We are in the process of setting up a new service/website.  We know that others competitors are working on the same idea.<p>Today, a competitor has released a service which is identical to ours.  They have much more experience, resources and have managed to generate an incredible amount of media coverage.  So far we have only spent a very small amount of money.<p>So the question is, considering that our competitors have beaten us to it and have a great product, do we cut our losses and run?<p>Oh, and in case you were wondering... our competitors are these guys:<p>http://zeebox.com/
======
md1515
All of these programs / apps / sites etc. are new things. I would say that
zeebox.com actually validates your work so far by showing there exists a
market for it already.

Plus, it is not a zero-sum game. You can both win (in terms of profitability,
exit, etc.) If you are far along and will not need to spend much more money or
time, go for it. If you have just started, maybe take a moment to think about
it. Either way, you can just learn from zeebox.com mistakes and implement
better with your own project.

You must be realistic to know when to quit and use your time more wisely, BUT
most startups don't actually die - they commit suicide. Good luck

------
gregschlom
No. Take it as a strong positive signal that there is demand and ask yourself
how you can differentiate from your competitor. Will you have a better UI, a
niche market to address, etc.?

The question is how you position yourself in respect to the competition.
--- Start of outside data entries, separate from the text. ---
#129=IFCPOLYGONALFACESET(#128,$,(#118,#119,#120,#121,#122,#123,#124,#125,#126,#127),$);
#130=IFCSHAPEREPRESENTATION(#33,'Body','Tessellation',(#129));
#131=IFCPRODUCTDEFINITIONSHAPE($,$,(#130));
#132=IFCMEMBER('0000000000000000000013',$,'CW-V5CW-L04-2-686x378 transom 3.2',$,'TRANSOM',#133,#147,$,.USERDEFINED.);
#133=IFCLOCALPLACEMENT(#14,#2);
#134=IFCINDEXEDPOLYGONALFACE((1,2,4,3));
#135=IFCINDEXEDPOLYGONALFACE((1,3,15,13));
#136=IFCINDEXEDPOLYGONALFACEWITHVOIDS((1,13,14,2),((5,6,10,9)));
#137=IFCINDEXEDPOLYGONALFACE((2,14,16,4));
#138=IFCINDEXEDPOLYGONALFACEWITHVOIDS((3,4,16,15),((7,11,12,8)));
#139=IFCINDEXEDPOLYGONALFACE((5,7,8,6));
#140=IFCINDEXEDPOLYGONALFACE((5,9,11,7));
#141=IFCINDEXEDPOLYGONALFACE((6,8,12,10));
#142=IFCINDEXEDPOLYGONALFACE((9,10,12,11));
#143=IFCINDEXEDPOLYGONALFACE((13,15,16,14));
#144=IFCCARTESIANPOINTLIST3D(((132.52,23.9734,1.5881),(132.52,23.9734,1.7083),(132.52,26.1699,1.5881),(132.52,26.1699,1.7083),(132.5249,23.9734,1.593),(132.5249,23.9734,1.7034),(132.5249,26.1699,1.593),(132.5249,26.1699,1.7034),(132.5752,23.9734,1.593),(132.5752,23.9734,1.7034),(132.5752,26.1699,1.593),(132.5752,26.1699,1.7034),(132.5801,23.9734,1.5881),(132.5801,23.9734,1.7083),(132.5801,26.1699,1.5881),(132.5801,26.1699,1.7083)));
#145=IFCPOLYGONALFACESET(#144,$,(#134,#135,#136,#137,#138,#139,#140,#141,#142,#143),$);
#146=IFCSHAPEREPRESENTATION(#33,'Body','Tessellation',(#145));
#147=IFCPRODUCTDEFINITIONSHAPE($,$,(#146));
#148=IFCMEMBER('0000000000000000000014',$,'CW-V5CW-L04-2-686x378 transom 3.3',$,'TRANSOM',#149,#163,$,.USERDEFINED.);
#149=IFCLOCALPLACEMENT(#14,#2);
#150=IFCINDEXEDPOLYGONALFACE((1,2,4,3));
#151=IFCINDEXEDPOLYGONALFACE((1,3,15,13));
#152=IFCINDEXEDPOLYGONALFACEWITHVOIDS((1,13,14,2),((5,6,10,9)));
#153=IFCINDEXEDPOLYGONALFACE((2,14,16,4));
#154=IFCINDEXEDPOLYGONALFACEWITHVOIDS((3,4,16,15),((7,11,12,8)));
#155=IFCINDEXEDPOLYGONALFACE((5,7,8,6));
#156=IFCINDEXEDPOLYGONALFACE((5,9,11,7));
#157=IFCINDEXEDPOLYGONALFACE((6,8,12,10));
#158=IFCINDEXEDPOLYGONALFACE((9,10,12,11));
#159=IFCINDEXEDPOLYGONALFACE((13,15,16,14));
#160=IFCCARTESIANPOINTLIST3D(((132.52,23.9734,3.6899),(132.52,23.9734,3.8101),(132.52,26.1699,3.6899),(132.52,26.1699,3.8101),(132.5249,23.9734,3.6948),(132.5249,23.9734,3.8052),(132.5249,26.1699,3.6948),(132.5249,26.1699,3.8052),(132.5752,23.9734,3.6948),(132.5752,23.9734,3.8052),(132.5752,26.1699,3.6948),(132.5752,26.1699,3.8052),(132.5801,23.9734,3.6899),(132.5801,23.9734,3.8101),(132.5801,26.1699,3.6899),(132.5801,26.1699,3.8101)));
If you believe that there is indeed absolutely no hope for your startup,
then... there's not much to say. If you want to take this battle, you'll find
a way to position yourself.

Edit: I just saw that your competitor is UK-only. Are you based in UK too?

------
ollierattue
'9 Ways to Decrease Your Chance of Bootstrapping a Successful Company' -
Number #1: Choosing a Market with Funded Competition

[http://www.softwarebyrob.com/2011/11/02/9-ways-to-
decrease-y...](http://www.softwarebyrob.com/2011/11/02/9-ways-to-decrease-
your-chance-of-bootstrapping-a-successful-company/)

Although yes it does validate the space and yes there can be room for more
than one. Note 'decrease' not 'kill' :)

------
OpenAlgorithm
Only continue if you are doing something different or better than your
competitors. Obviously if you are just mimicking what they gave already
created, that's no good but if you can improve on it, then their presence in
the market may be helpful in terms of warming the market for you before
launch.

------
chapman
My startup might play nicely with yours, shoot me an email to my HN name
@wikivideo.com, would like to connect

------
qrlawified
I should say that my answer is no... but I am interested to see what the HN
community thinks!

------
qrlawified
Thanks for the thoughts everyone. I will let you know where we come out!